Urbs has asked for the wisdom of the Perl Monks concerning the following question:

Good evening Monks, I have not been able to solve this riddle in about 8 hours either online or with The Camel, but I am so close.. I have two files that I have to compare. The first is a list of clients stored in clientlist.txt. The second is a huge list of all backed up clients with things like backup times (one line with each client and extra info seperated by commas)named client_last_backup.csv. All that I want to do is open the list of clients and the "clb.csv" and whenever a client in the client list is found in the csv, write that line to a new csv. I can only my loop to run once but the clients will all print if a throw a print $client just after the 2nd while. Here is my code:
open(clients, "<clientlist.txt") || die "Can't open clients: $!\n"; open(file_compare, "<client_last_backup.csv") || die "Can't open file_ +compare: $!\n"; open(CSV_OUT, "> lastbackup.csv") || die "Unable to open lastbackup.cs +v: $!"; print CSV_OUT "SERVER,CLIENT,LAST SUCCESSFUL FULL,LAST SUCCESSFUL INCR +,LAST ATTEMPT\n"; my @clients = ""; LOOKUP: while(<clients>) { @clients = $_; $client = shift @clients; chomp $client; CLIENTS: while (<file_compare> ) { if (m/$client/) { print CSV_OUT "$_"; } #print CSV_OUT "$client"; }
Thank you so much for having a look! Urbs

Replies are listed 'Best First'.
Re: Newbie can't figure out looping a while (if)
by GrandFather (Saint) on Apr 18, 2008 at 01:29 UTC

    Your immediate problem is that you read all of file_compare in the first iteration of the outer loop while handling the first clients line, but don't reset to the start of the file_compare files for the next iteration.

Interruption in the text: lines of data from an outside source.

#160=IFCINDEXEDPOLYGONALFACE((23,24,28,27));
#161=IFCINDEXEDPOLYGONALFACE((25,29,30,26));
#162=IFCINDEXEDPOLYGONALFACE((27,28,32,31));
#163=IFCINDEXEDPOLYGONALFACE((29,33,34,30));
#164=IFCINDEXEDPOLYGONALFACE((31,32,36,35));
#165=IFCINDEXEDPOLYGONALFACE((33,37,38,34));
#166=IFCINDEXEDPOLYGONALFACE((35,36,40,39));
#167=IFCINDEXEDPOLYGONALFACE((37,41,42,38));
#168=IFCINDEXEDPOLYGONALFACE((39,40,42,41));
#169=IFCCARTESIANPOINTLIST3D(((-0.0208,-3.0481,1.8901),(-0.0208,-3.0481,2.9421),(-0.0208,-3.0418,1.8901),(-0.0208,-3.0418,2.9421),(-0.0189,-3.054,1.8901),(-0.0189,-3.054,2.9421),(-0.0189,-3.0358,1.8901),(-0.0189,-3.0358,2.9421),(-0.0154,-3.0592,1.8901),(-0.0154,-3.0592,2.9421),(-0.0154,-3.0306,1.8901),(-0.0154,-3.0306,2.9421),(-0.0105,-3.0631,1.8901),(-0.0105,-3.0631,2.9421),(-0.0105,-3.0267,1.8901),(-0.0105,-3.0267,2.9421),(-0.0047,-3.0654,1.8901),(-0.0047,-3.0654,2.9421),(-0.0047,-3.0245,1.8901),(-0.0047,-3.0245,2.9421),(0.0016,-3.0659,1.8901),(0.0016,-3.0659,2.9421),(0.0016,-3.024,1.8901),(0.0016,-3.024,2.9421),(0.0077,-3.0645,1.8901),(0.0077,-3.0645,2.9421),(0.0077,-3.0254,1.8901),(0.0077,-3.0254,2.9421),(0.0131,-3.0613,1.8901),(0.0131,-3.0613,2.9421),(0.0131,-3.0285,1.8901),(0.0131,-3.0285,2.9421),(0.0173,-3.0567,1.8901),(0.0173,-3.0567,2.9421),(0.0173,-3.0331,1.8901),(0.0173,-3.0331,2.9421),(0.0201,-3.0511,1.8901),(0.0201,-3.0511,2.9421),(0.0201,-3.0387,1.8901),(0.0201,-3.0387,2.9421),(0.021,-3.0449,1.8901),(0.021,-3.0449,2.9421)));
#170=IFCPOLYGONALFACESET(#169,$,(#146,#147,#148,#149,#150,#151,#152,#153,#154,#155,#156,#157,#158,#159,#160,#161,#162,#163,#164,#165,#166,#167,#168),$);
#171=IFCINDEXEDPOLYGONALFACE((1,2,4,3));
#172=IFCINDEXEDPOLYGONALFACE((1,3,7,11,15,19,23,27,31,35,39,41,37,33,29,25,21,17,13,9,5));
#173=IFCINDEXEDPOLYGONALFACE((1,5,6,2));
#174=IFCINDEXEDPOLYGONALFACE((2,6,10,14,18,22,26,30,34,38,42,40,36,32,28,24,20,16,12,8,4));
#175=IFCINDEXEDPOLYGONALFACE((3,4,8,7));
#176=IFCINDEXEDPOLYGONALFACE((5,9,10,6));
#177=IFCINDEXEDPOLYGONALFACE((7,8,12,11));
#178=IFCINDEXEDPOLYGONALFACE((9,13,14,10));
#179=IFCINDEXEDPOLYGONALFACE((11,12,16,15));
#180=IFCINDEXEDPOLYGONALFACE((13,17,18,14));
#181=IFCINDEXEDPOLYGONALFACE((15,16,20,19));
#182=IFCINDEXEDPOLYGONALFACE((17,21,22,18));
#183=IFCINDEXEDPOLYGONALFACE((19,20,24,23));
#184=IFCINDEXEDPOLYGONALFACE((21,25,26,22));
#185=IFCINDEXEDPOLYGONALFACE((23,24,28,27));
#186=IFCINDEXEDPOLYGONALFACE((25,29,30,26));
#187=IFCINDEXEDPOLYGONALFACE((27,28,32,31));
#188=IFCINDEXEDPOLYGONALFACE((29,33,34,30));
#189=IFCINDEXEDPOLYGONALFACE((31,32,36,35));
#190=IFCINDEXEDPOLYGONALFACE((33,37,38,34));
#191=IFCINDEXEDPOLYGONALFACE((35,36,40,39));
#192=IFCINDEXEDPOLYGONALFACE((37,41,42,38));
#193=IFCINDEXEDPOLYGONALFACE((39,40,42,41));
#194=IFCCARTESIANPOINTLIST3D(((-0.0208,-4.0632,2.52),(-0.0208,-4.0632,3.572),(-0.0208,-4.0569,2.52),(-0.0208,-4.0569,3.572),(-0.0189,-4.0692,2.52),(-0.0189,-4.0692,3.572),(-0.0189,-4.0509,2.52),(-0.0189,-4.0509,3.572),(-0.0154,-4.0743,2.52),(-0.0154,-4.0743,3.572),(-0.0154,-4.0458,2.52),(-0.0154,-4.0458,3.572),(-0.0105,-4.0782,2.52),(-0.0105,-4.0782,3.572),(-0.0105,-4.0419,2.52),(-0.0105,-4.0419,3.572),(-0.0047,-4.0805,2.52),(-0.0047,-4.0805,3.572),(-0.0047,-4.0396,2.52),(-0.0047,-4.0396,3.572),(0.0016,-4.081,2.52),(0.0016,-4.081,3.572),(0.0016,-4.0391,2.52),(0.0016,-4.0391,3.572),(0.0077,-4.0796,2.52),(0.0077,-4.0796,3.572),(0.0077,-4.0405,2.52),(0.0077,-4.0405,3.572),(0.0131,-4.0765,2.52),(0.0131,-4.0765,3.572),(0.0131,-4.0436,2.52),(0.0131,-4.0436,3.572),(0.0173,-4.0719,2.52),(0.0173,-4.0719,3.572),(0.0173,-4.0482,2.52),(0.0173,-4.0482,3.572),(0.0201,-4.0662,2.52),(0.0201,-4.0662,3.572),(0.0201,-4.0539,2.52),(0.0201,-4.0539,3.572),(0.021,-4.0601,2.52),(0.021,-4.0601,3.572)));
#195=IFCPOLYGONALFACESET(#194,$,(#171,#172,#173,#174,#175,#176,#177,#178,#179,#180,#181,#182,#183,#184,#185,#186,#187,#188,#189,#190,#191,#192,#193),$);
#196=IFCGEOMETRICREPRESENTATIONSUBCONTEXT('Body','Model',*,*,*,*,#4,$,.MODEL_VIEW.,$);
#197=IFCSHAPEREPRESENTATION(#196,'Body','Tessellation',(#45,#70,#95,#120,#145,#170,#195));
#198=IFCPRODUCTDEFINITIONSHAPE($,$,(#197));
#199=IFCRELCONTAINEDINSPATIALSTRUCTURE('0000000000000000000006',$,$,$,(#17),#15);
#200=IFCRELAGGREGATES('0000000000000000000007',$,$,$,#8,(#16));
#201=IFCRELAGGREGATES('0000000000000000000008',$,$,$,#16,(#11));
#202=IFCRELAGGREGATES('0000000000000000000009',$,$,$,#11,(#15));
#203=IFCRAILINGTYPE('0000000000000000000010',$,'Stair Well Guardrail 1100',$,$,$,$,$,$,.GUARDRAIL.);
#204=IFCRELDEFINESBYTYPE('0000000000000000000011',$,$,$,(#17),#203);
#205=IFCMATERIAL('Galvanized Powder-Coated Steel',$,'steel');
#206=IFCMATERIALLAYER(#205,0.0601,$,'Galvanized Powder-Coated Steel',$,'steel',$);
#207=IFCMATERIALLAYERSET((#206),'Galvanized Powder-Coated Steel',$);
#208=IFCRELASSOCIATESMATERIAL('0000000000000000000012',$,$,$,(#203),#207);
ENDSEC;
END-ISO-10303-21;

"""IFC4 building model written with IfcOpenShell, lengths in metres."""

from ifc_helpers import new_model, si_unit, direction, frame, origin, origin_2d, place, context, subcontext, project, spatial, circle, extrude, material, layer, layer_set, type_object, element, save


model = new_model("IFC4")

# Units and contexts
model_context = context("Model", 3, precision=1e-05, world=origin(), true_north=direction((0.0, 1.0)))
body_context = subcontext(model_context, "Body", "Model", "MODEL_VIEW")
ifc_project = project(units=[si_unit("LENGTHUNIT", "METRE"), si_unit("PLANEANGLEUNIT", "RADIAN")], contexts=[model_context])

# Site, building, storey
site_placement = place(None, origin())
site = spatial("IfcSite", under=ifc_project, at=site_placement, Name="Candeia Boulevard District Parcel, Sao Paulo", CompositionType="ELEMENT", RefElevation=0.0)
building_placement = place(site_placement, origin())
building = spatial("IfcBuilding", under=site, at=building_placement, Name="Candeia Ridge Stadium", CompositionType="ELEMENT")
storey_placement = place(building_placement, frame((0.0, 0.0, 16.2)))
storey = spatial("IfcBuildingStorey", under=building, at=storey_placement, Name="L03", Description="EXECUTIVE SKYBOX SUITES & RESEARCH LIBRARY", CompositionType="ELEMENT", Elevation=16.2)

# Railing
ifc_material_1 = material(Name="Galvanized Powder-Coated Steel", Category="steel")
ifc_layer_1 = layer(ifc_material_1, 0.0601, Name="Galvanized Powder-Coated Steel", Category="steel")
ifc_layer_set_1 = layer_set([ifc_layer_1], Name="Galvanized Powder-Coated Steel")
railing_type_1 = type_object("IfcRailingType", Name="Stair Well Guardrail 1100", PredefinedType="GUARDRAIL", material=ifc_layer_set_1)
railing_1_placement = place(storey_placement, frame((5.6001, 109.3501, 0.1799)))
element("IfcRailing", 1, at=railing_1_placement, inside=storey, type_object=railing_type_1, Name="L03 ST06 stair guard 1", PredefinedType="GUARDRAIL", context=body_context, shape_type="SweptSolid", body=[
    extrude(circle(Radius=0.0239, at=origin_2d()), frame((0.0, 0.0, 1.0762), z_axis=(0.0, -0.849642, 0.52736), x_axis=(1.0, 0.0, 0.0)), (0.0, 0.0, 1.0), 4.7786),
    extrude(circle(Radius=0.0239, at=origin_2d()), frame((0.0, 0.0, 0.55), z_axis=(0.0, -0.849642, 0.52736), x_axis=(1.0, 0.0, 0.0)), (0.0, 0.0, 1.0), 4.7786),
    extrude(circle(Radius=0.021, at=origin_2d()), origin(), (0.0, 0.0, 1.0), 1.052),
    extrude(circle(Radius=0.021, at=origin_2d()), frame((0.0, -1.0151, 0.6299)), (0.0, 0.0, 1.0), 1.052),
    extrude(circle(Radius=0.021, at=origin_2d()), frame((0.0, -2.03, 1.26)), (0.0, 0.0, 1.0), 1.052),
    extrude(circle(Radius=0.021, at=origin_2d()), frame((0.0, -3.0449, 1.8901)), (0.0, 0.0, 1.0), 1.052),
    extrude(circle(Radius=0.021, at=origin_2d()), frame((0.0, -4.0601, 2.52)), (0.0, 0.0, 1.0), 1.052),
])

    However, that is a really bad way to do it. You end up reading the file_compare file right through for every line of the clients file which likely to be very slow! Much better is to build a list of clients on a pass through the client list file, then use that list in a separate loop for processing the log file. Consider:

    use strict; use warnings; my $clientList = <<DATA; fred bob DATA my $backupData = <<DATA; joe,2,3,wilma fred,1,3,wilma bob,2,3,freda freda,7,2,fred DATA my $outputData; open (my $clientsFile, '<', \$clientList) || die "Can't open clients: +$!\n"; my @clients = <$clientsFile>; close $clientsFile; chomp @clients; my $match = '\b(?:' . (join '|', @clients) . ')\b'; open (file_compare, '<', \$backupData) || die "Can't open file_compare: $!\n"; open (CSV_OUT, '>', \$outputData) || die "Unable to open lastbackup.cs +v: $!"; print CSV_OUT "SERVER,CLIENT,LAST SUCCESSFUL FULL,LAST SUCCESSFUL INCR +,LAST ATTEMPT\n"; while (<file_compare>) { if (m/$match/) { print CSV_OUT "$_"; } } close CSV_OUT; close file_compare; print $outputData;

    Prints:

    SERVER,CLIENT,LAST SUCCESSFUL FULL,LAST SUCCESSFUL INCR,LAST ATTEMPT fred,1,3,wilma bob,2,3,freda freda,7,2,fred

    Perl is environmentally friendly - it saves trees
      Monks, The Seek option did exactly what I needed. Thank you so much!! One more thing that I understand now. The entire scripts processed 500 client names through about 5000 records in four or five seconds.

      I plan on hanging around and reading more posts so that I can learn even more.

      Thanks again!!

      Urbs

Re: Newbie can't figure out looping a while (if)
by Cody Pendant (Prior) on Apr 18, 2008 at 01:15 UTC
    This is a glaring error, I would have thought:

    @clients = $_; $client = shift @clients;

    You can't just magically make an array out of a string, even if the string is a comma-separated list! You're making a one-item array, then shifting that one item off again into $client. So you might as well just have $client = $_;.



    Nobody says perl looks like line-noise any more
    kids today don't know what line-noise IS ...
Re: Newbie can't figure out looping a while (if)
by ikegami (Patriarch) on Apr 18, 2008 at 01:15 UTC

    while (<file_compare>) is reads from the current position in the file until the end of the file. For the second pass of the outer loop, the current position of the file is at its end, as left there by the first pass of the outer loop.

    Solution: Seek to the start of file_compare before the inner loop.